— Так, так, — говорила она, — чудесно!
Немного привыкнув, он захотел танцевать вдвоём.
— Даму надо обнять, — сказала Зоська.
— Это я умею, — ответил он.
Время прошло незаметно. Зоська предвещала ему великое будущее в танцах.
— Ты танцуешь необычайно легко.
— Значит наши уроки будут продолжаться?
— Только мы поменялись ролями.
В следующий раз они снова танцевали вальс, тихо напевая мотив. Он стал уверенней в движениях и ритме.
— Я устала, — сказала Зоська.
— Ещё, ещё, — сказал он. — Надо работать. Времени мало.
В конце концов он признался ей, что дома танцовал со стулом.
После вальса фокстрот показался ему лёгким, даже разочаровал его своей простотой.
Зоська пояснила, что фигур масса, что тут можно вводить акробатику и собственные изобретения. Но даму обнимают теснее, чем в вальсе. И это его забавляло. Он представил себе, что может обнимать массу женщин, высоких и полных, и сквозь одежду чувствовать их грудь и пружинистый живот. И удвоил усердие.

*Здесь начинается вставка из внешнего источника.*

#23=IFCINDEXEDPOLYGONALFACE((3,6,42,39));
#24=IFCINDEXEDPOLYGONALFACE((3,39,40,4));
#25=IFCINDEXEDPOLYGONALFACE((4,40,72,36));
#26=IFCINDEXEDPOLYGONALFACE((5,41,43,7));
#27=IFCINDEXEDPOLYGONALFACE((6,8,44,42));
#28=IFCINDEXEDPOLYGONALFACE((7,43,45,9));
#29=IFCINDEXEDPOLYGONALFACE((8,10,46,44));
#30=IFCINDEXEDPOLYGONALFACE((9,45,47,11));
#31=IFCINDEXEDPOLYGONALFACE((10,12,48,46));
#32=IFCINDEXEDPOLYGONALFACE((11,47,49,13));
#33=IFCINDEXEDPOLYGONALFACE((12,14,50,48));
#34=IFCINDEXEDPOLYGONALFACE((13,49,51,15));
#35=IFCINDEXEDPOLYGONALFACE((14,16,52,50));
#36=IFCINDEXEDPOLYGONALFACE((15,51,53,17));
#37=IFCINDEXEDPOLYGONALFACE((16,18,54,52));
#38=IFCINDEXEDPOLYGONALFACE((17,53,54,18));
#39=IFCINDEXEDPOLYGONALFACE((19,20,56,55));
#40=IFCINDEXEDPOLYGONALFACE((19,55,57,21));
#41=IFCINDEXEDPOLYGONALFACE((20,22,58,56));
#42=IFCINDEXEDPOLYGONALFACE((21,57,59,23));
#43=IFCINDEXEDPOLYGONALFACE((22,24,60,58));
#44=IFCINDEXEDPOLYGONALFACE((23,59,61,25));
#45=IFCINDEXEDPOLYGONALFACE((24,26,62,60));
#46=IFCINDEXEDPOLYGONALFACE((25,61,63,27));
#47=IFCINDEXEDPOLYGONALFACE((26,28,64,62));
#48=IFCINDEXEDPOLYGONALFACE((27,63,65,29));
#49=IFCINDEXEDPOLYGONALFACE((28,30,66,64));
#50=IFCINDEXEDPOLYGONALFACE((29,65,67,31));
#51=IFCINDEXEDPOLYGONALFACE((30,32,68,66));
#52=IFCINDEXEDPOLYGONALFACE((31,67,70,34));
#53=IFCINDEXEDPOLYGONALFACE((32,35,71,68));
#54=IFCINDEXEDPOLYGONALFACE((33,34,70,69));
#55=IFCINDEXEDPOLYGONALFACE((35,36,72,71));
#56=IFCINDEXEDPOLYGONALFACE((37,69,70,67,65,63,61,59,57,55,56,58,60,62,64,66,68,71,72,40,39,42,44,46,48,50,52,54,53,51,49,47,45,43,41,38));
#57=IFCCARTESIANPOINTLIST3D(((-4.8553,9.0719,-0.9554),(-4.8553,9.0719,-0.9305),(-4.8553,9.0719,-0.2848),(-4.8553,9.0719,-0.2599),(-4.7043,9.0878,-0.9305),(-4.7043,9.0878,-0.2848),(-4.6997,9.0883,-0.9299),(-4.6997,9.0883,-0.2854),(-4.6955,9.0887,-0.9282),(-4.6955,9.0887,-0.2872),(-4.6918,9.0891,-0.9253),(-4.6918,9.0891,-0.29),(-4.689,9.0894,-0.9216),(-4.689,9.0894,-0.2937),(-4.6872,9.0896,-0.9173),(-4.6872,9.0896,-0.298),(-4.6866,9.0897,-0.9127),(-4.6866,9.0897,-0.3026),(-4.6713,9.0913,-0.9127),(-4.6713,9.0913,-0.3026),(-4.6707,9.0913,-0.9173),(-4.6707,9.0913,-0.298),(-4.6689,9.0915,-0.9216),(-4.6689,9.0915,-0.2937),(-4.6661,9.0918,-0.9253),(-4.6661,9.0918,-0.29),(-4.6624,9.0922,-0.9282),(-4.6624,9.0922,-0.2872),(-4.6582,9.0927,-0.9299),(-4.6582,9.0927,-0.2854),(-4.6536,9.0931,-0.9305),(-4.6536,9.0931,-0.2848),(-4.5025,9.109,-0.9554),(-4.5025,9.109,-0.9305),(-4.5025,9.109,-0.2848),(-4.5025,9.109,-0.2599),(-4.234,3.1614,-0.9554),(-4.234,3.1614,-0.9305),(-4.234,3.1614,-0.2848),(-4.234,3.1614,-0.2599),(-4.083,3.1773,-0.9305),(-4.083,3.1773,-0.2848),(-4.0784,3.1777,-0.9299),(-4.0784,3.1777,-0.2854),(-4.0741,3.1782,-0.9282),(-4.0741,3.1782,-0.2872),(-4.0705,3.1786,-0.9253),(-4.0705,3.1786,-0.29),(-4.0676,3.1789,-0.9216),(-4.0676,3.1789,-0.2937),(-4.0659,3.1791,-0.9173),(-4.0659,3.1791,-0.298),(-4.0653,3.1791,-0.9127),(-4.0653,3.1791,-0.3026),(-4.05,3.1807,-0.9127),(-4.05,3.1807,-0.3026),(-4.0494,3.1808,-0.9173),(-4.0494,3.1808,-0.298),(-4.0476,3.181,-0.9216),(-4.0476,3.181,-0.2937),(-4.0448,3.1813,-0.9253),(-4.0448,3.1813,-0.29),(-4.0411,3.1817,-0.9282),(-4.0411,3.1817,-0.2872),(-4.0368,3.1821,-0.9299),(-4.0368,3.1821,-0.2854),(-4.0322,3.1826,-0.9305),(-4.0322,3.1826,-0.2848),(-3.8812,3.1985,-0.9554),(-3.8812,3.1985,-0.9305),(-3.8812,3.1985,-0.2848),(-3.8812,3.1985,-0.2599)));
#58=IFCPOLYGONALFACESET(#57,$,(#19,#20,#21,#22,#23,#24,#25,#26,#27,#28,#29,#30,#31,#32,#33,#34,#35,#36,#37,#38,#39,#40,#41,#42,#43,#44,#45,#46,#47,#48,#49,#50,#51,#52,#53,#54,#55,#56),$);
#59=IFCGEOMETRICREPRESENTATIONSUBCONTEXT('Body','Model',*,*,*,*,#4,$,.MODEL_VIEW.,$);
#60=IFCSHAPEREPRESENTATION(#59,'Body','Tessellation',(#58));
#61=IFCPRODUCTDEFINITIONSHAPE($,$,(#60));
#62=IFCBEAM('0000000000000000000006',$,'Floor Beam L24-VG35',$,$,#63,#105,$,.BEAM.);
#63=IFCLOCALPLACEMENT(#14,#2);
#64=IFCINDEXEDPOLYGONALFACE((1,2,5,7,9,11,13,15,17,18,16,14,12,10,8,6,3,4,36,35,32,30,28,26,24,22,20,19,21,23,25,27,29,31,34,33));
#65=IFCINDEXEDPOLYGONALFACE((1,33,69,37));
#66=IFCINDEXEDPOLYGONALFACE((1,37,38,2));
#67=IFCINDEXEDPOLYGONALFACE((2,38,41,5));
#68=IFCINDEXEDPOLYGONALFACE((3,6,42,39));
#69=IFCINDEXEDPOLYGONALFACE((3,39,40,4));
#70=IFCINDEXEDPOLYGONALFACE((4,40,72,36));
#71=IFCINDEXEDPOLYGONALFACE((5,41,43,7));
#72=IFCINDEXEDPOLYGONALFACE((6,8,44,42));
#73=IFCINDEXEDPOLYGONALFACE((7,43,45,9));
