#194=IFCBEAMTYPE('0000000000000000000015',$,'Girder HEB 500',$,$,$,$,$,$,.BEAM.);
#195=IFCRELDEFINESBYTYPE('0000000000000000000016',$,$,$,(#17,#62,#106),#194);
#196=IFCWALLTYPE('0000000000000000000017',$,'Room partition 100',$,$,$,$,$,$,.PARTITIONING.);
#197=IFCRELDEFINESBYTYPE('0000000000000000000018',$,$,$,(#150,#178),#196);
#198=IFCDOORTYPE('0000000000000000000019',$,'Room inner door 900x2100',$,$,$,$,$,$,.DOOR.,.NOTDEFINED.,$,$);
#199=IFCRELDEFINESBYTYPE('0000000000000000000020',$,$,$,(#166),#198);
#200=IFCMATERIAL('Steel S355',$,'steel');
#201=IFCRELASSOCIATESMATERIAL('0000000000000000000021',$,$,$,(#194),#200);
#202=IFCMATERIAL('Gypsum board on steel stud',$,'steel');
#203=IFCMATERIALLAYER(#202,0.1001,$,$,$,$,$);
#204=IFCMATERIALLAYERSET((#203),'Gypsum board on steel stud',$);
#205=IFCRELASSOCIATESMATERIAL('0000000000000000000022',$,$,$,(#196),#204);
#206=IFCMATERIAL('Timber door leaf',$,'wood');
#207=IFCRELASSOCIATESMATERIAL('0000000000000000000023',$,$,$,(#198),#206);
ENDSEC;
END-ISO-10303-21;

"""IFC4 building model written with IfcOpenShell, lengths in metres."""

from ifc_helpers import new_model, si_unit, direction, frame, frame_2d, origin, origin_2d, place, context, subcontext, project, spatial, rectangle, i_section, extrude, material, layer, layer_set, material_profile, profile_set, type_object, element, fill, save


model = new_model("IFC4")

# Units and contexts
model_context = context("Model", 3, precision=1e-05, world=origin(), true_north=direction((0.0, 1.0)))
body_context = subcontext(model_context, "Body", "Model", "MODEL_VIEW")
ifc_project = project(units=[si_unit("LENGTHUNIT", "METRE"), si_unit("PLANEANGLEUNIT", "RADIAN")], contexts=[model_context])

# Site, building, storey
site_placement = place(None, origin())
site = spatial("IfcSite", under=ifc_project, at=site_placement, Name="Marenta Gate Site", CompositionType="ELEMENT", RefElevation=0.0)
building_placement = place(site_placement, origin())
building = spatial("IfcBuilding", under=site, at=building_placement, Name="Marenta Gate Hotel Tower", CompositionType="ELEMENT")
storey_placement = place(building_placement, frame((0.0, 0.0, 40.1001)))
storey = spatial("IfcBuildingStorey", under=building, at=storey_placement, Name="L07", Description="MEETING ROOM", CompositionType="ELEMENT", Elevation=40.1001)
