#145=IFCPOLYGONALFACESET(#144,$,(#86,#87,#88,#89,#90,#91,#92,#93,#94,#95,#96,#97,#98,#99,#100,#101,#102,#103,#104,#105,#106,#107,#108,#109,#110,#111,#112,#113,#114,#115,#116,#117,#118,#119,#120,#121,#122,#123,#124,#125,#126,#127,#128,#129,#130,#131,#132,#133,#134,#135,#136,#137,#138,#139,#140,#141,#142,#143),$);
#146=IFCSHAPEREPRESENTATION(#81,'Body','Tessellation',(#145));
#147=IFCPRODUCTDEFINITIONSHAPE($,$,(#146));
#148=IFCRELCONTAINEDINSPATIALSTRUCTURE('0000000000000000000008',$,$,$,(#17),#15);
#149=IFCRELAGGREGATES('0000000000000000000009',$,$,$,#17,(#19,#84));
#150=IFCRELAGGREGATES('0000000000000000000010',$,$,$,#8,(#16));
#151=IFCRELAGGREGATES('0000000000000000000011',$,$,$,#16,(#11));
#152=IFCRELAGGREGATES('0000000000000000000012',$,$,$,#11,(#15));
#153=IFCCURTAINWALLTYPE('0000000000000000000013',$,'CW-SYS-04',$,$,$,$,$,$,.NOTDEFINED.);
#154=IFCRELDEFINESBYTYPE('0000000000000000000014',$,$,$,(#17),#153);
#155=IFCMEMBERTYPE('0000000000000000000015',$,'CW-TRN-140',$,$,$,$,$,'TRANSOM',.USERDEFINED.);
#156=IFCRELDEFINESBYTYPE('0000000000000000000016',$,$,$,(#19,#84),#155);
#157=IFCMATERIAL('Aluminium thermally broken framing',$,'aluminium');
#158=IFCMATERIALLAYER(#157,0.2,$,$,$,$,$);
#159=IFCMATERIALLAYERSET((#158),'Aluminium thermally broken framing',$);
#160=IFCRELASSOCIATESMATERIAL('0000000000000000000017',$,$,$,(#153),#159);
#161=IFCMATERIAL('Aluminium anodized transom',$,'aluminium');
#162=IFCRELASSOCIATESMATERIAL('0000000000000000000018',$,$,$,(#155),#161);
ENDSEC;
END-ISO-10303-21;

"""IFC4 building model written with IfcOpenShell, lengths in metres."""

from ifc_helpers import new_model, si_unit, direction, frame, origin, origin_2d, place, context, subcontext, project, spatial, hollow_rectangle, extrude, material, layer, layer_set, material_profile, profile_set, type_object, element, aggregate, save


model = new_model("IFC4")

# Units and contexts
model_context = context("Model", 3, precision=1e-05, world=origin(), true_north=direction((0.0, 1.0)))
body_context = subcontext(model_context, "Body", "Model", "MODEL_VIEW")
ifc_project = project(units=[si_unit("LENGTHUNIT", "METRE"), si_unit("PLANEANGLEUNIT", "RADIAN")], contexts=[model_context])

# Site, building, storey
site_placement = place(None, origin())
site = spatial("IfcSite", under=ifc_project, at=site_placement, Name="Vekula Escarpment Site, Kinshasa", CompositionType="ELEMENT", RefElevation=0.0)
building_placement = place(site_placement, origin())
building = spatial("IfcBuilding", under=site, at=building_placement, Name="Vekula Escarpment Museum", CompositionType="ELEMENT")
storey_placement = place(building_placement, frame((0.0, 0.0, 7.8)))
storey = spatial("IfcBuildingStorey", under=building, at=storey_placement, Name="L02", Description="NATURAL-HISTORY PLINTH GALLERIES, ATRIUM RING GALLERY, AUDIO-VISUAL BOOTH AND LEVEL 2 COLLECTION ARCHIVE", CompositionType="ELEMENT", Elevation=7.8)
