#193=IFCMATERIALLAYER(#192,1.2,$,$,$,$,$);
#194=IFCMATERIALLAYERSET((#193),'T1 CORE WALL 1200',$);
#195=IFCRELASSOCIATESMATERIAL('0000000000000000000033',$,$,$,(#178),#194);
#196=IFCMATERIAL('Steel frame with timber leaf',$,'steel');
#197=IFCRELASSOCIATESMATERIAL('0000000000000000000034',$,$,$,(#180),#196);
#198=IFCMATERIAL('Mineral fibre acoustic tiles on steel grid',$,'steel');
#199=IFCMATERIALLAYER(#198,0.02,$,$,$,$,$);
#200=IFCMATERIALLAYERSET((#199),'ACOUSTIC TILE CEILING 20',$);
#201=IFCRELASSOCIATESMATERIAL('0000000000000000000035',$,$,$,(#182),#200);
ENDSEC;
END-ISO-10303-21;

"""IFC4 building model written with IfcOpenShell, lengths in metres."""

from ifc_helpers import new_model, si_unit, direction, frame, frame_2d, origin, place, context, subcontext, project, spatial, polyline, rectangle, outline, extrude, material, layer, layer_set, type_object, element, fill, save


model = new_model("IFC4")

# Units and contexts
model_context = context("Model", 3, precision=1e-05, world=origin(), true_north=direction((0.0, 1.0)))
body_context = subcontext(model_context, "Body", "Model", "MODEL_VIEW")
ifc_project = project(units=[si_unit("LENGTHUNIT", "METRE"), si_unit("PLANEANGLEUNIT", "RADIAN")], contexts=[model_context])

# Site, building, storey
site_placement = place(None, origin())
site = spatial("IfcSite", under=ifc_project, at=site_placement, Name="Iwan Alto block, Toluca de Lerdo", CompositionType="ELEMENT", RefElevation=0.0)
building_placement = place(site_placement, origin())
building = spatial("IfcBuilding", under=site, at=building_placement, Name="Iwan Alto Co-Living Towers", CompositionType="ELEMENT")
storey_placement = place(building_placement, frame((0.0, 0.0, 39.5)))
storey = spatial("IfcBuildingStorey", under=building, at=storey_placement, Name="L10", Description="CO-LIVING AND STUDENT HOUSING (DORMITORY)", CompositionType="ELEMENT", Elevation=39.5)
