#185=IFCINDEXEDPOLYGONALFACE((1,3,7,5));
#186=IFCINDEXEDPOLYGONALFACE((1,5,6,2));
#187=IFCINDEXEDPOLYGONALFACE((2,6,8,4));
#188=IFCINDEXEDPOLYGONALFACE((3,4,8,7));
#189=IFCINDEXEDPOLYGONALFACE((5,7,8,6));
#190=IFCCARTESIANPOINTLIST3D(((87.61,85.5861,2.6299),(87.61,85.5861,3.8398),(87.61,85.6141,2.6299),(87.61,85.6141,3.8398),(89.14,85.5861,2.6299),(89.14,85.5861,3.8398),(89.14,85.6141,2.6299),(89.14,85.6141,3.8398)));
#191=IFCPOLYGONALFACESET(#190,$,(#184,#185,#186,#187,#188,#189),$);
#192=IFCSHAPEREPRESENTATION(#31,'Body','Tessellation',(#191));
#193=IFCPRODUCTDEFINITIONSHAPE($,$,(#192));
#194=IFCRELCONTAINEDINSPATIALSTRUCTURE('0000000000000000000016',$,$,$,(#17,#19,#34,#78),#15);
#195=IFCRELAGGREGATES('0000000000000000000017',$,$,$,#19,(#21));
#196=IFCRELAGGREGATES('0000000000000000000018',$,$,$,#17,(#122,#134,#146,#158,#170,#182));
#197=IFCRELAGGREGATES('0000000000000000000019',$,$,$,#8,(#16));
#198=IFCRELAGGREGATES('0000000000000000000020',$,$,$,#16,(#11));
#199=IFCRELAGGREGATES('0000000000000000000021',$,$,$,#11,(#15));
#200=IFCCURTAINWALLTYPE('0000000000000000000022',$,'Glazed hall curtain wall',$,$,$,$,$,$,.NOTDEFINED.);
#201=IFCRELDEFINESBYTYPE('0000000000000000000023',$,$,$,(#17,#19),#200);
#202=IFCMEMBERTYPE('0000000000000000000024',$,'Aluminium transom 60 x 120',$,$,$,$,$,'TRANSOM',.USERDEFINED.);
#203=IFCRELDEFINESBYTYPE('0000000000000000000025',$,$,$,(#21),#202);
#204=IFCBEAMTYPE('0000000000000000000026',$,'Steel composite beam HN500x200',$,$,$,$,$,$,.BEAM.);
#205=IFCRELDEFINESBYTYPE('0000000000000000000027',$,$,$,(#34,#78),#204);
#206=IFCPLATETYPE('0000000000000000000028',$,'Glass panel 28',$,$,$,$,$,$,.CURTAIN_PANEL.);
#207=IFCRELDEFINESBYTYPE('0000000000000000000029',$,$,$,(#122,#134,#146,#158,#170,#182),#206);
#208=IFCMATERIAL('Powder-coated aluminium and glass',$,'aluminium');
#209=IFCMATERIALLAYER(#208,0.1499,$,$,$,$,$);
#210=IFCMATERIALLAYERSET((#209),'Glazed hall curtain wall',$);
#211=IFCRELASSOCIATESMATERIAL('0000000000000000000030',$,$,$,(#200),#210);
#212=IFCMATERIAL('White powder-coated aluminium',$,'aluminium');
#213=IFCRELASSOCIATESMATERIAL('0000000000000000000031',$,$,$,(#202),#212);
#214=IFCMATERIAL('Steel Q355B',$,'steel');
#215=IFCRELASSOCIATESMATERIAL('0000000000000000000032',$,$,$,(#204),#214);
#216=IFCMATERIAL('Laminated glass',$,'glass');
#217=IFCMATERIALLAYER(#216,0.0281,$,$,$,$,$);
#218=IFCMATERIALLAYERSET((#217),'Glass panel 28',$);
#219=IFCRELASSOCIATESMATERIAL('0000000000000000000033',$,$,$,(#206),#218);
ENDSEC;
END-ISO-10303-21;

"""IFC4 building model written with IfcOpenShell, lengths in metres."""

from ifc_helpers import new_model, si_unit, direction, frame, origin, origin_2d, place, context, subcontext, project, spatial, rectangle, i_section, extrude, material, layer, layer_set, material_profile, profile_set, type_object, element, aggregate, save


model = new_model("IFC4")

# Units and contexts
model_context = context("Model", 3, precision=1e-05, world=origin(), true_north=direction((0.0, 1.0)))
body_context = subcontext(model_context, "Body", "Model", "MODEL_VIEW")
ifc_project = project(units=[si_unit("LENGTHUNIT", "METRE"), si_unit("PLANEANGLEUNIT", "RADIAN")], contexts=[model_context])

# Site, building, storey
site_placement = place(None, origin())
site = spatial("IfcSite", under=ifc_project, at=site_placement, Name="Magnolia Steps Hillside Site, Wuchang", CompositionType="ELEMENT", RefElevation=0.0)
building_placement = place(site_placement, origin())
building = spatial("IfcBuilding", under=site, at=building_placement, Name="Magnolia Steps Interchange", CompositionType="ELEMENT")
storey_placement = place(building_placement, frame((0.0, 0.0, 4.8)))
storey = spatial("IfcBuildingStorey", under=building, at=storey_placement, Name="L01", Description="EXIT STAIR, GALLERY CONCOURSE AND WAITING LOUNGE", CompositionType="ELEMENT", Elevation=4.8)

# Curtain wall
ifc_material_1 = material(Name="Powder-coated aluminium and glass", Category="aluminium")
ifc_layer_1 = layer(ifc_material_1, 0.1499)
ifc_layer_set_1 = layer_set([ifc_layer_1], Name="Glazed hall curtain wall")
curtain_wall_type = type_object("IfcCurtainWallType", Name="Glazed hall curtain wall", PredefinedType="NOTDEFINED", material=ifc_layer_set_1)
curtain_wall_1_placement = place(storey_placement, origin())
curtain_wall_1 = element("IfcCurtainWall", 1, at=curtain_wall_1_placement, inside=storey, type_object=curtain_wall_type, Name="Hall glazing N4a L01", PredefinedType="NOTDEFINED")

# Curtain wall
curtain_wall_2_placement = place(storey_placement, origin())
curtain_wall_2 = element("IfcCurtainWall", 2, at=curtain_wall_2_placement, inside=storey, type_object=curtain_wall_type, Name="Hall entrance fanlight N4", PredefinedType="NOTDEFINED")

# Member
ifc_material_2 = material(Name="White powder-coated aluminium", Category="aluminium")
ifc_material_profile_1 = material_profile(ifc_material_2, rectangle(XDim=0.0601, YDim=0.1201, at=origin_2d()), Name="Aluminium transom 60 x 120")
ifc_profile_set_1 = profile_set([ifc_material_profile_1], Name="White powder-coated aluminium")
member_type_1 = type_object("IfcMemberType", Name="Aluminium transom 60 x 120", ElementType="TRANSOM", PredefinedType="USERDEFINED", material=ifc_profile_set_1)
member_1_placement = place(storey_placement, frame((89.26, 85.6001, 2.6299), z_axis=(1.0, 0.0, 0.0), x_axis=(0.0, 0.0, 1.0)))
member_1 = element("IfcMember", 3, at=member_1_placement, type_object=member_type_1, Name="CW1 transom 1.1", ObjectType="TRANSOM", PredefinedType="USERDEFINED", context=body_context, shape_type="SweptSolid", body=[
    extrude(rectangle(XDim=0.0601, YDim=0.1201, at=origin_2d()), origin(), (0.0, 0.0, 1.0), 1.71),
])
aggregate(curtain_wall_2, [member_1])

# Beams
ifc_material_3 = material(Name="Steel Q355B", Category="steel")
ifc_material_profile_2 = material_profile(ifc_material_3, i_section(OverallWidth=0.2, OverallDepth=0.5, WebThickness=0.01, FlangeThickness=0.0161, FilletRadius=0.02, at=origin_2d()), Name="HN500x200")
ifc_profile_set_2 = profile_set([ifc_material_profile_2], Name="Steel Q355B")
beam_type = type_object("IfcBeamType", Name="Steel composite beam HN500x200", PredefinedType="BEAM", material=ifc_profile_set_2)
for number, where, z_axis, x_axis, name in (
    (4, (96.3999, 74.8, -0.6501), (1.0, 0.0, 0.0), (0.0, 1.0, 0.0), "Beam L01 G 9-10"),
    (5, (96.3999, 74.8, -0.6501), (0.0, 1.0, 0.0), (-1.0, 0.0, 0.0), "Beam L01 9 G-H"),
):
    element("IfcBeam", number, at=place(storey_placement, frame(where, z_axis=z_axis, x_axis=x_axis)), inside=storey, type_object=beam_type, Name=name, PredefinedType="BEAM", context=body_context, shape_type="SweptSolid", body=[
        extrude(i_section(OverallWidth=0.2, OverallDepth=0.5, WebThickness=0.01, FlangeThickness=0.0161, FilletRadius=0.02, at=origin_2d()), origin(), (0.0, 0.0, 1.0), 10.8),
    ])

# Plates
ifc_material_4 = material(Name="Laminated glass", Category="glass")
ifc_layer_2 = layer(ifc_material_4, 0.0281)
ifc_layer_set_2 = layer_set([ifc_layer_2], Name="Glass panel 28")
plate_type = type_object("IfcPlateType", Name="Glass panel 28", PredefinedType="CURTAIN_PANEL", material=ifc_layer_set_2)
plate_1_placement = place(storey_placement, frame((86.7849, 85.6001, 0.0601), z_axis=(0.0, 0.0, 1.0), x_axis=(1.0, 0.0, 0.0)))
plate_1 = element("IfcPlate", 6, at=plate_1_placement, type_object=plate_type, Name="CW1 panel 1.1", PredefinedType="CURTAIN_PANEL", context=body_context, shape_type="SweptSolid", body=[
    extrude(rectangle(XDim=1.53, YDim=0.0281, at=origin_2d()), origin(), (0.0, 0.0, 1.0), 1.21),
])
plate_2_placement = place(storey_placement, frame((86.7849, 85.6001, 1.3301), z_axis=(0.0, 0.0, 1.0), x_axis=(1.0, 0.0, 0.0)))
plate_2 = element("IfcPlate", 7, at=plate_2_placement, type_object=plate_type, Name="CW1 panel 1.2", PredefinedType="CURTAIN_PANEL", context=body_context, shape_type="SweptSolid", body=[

Вопрос с квартирой двигался медленно, отнимая у него массу времени. Приличной комнаты не находилось. Степан являлся к комиссионеру злой, ругался, вновь выкладывал свои условия, каждый раз слушая ту же самую предупредительную фразу: «Словом, вам нужна настоящая комната».
Затем получал десяток новых адресов, но одно и то же повторялось без вариаций: часть комнат была уже нанята, часть должна была освободиться неизвестно когда, часть совсем не освобождалась, а другие, которые действительно сдавались, были настоящими трущобами, ободранными и грязными; он с отвращением смотрел на следы, оставляемые после себя человеком, кучу сора и жирные обои, свисавшие, как гной, с отвращением чувствовал в застоявшемся воздухе пот и смрад человеческой жизни, с невесёлой мыслью про грязь и животность людей, из которых незначительная часть чиста лишь потому, что моется и меняет бельё.
В конце концов заявил комиссионеру, что лазить по лестницам зря не имеет желания, и тот согласился сообщить ему, когда подвернётся хорошая комната.
Со своей комнатой Степан уже давно попрощался и заходил в неё вечером, как в отель.
«Вот найдётся комната, — думал он, — и тогда можно будет писать».
Вообще он привык к неожиданностям и не волновался.
Приближалась весна. Снег ещё не таял, но посерел, потерял блеск, стал рыхлым в кучках, а на мостовой слежался от безостановочной езды в чёрную массу, с глубокими выбоинами от ритмичных ударов копыт. На тротуарах он превращался солнечными днями в жидкую кашицу, застывающую неровно в холодные ночи. Его бросали с крыш огромными слоями, которые глухо падали наземь, как бездыханное тело. На углах девушки в шубках продавали подснежники со степных курганов, где уже оголилась земля.
— Пять копеек пучок, пять копеек!
Настали солнечные рассветы, полные тёплых ветров, нёсших с палей запах сырой земли, прошлогодних трав и томящийся аромат всходов и набрякших почек. И в тихие, задумчивые дни, когда в крови просыпается простая радость жизни, когда душу охватывает тот бездумный порыв, приводивший далёких пращуров к алтарям весеннего бога, Степан любил бродить по городу.
Зажав подмышкой тяжёлый портфель, блуждал он перед обедом по улицам, без цели, чувствуя необходимость побыть одному после однообразных встреч на службе и общественной работе. Некоторое время он сам не понимал этого тяготения к улице и смутной радости среди гомона и смеха весенней толпы. Думал, что гуляет, как гуляют все, — для отдыха и из желания проветриться.
Но как-то, вернувшись домой взволнованным и возбуждённым, должен был признаться, что ходит смотреть на женщин. Он понял, что только на них останавливались его глаза: на весёлых лицах, на обольстительных ногах и тёплых костюмах, прятавших тело, которое он до боли ощущал. Только на них глядел он с жгучим увлечением, будто каждая таила отдельную, только ей известную тайну, отдельный, выращенный для него сад любви и сладострастья, и от каждой веяло на него сладостным дыханием, которое пьянило его и восторгало. Душа его замирала в горячем тумане, когда видел он женщину, красивую, стройную, способную любить и достойную любви, и сам любил её, мгновенно проникаясь невыразимой благодарностью, что она есть, что он видит её и ласкает беглым взглядом. Некоторые озирались, улыбаясь ему незаметной зовущей усмешкой, и сердце его пенилось и пело. И теперь, поняв это, почувствовал не стыд, а тревогу, радость от сознания буйной силы, пылающей в нём, как частица могучего стремления, движущего миром. Какое-то новое, ясное чувство проснулось, не желание, а эхо желаний, уверенность, что способен любить и быть счастливым.